One summer Heidi Julavits sees her son silhouetted by the sun and notices he is at the threshold of what she calls “the end times of childhood.” When did this happen, she asks herself. Who is my son becoming–and what qualifies me to be his guide?

The next four years feel like uncharted waters. Rape allegations rock the university campus where Julavits teaches, unleashing questions of justice and accountability, as well as education and prevention. She begins to wonder how to prepare her son to be the best possible citizen of the world he’s about to enter. And what she must learn about herself to responsibly steer him.
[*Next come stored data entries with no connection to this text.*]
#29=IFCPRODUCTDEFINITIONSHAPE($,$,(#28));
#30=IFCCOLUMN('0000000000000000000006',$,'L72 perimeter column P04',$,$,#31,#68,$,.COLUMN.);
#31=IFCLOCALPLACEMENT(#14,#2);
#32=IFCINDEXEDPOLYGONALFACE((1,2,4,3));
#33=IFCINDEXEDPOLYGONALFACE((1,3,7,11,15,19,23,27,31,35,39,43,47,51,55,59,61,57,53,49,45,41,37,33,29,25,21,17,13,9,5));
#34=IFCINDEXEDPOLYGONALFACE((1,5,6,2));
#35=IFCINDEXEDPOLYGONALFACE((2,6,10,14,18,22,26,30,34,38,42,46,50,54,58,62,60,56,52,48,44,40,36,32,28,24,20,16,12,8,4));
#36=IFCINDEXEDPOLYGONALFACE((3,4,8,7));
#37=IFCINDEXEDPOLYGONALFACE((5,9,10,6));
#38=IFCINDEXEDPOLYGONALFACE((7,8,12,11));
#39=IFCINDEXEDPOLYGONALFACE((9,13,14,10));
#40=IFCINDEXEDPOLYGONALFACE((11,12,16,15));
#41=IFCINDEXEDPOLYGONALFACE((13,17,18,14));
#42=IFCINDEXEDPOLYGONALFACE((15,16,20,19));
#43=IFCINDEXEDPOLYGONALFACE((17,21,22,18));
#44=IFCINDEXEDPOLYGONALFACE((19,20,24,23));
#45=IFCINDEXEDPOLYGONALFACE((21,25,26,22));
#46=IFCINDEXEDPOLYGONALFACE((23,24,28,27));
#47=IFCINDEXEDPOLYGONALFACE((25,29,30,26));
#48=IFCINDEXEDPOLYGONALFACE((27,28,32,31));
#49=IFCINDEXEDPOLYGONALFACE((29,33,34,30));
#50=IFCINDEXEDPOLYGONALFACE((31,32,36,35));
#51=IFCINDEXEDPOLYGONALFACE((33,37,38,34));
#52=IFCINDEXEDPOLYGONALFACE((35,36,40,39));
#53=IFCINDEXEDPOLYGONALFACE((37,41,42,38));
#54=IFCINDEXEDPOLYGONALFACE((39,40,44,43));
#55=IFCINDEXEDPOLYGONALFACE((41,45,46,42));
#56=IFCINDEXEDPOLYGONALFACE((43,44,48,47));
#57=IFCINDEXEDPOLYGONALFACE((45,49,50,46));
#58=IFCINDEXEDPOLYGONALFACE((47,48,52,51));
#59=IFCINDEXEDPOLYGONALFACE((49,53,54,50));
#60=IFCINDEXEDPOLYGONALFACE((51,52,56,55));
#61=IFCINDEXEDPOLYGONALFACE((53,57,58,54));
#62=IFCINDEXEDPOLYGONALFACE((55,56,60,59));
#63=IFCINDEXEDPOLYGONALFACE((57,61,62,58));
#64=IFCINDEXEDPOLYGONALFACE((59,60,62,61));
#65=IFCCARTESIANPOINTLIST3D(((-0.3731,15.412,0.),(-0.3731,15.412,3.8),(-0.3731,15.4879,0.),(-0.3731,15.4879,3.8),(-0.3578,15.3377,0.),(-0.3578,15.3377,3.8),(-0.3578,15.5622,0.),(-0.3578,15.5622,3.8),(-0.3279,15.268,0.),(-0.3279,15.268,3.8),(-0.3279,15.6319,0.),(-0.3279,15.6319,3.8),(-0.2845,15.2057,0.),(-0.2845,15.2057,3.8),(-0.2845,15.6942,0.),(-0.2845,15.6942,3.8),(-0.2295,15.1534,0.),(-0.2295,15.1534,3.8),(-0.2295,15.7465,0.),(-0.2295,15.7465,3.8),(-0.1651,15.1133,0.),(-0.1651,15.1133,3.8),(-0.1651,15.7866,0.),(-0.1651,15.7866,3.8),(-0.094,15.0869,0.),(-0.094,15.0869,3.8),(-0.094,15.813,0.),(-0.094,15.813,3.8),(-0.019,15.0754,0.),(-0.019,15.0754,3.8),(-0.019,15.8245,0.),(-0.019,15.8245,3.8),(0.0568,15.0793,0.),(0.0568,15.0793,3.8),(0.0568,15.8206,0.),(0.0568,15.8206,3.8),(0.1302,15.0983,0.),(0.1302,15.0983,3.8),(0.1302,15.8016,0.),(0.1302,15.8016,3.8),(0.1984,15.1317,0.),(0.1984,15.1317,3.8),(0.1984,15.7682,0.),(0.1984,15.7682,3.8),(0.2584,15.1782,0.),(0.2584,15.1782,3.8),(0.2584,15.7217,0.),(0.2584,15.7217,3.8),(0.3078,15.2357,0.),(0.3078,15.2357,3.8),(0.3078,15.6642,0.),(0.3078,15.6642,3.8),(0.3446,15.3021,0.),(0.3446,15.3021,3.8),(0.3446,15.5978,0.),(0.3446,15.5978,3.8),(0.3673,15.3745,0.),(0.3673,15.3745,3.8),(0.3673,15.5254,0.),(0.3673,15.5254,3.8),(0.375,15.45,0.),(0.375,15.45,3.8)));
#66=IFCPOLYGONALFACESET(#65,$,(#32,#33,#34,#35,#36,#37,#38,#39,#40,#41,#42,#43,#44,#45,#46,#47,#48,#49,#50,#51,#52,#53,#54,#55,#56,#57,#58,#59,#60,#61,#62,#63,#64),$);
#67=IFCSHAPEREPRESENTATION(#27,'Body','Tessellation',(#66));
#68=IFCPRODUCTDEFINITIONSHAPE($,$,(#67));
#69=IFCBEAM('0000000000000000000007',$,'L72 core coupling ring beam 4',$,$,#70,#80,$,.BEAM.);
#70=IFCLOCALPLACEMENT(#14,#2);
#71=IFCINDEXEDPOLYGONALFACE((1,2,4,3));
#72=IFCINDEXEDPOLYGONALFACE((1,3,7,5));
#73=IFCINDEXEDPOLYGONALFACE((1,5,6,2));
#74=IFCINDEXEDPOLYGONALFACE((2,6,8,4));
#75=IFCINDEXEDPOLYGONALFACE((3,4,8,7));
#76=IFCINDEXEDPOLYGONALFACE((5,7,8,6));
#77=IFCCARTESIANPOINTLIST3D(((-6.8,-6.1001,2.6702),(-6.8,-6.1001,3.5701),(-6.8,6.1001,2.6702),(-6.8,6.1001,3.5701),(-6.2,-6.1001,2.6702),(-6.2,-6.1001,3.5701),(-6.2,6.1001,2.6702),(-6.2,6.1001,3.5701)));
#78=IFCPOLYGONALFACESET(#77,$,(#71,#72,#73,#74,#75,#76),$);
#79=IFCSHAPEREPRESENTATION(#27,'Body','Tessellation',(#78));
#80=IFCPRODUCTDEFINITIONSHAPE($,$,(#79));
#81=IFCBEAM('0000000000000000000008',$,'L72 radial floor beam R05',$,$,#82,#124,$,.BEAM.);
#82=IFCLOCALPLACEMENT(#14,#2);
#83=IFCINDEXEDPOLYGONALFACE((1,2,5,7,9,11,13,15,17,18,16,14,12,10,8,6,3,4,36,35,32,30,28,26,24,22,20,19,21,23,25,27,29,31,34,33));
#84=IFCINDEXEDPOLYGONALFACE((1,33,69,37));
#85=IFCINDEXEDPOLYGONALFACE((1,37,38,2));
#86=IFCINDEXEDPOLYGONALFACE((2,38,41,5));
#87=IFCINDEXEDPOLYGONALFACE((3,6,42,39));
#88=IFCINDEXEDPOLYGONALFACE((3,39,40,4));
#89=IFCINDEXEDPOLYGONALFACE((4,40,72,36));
Looking back to her childhood in Maine, where she and her family often navigated the tricky coastline in a small boat, relying on a decades-old nautical guide, Julavits takes us on an intellectual navigation of the self. Throughout, she intertwines her internal analysis with a wide-ranging exploration of what it means to raise a child in a time full of contradictions and moral complexity. Using the past and present as points of orientation, Directions to Myself examines the messy minutiae of family life alongside knottier questions of politics and gender. Through it all, Julavits discovers the beauty and the peril of telling stories as a way to locate ourselves and help others find us.

 

Sea Witch: Photographs, Poems, and Forget-Me-Nots from a Mainer Growing Up
Kristie Billings
Seapoint Books

Sea Witch, a book of photography and poetry by Maine native, Kristie Billings – images and words of the sea, nature, folk art, dolls, loss, grief, love, acceptance, rage, music, life.From punk rock to menopause to swimming with seals! A middle-aged story of a Sea Witch. Kristie Billings comes from a long line of lovers of the sea: fishermen, clamdiggers, and sardine packers. The ocean is home. She is a poet, a photographer, and a year-round swimmer. She is currently living in Ellsworth, Maine, and a native of Stonington, on Deer Isle. A great lover of music, of art, and life, Kristie is drawn to beauty, even in the most ordinary, mundane way. She is drawn to what others may pass by, unnoticed. Kristie has worn many hats over the years. She is a long time Saturday night DJ on Community Radio, WERU 89.9 FM, in Orland, Maine. From small town grocery clerk, to making tie dye t-shirts for the local import shop, sometimes working at a fish market, or selling men’s suits, she owned her own shoe store. She has been an Arts Educator at a local theater, and lobster fisher, barista, and antique seller. Kristie is married to her best friend, Ed. They share a home with their rambunctious cats, who keep them on their toes. Kristie is a collector. Of stories, of emotions, of dolls, of feelings, wigs, mannequin parts, record albums, memories, beauty, laughter, vintage clothing, scallop shells, barnacles, hermit crabs. She is an observer. She’s been writing poetry since childhood, beginning with her love of Edna St.Vincent Millay to the Beat poets, Bukowski, and beyond. As for photography, she has been taking pictures for years with an old Nikon, and has proceeded to collect more cameras since then. She is drawn with awe to the artists that may make you uncomfortable.

 

Small Things Like These
Claire Keegan
Grove Press

It is 1985 in a small Irish town. During the weeks leading up to Christmas, Bill Furlong, a coal merchant and family man faces into his busiest season. Early one morning, while delivering an order to the local convent, Bill makes a discovery which forces him to confront both his past and the complicit silences of a town controlled by the church.

An international bestseller, Small Things Like These is a deeply affecting story of hope, quiet heroism, and empathy from one of our most critically lauded and iconic writers.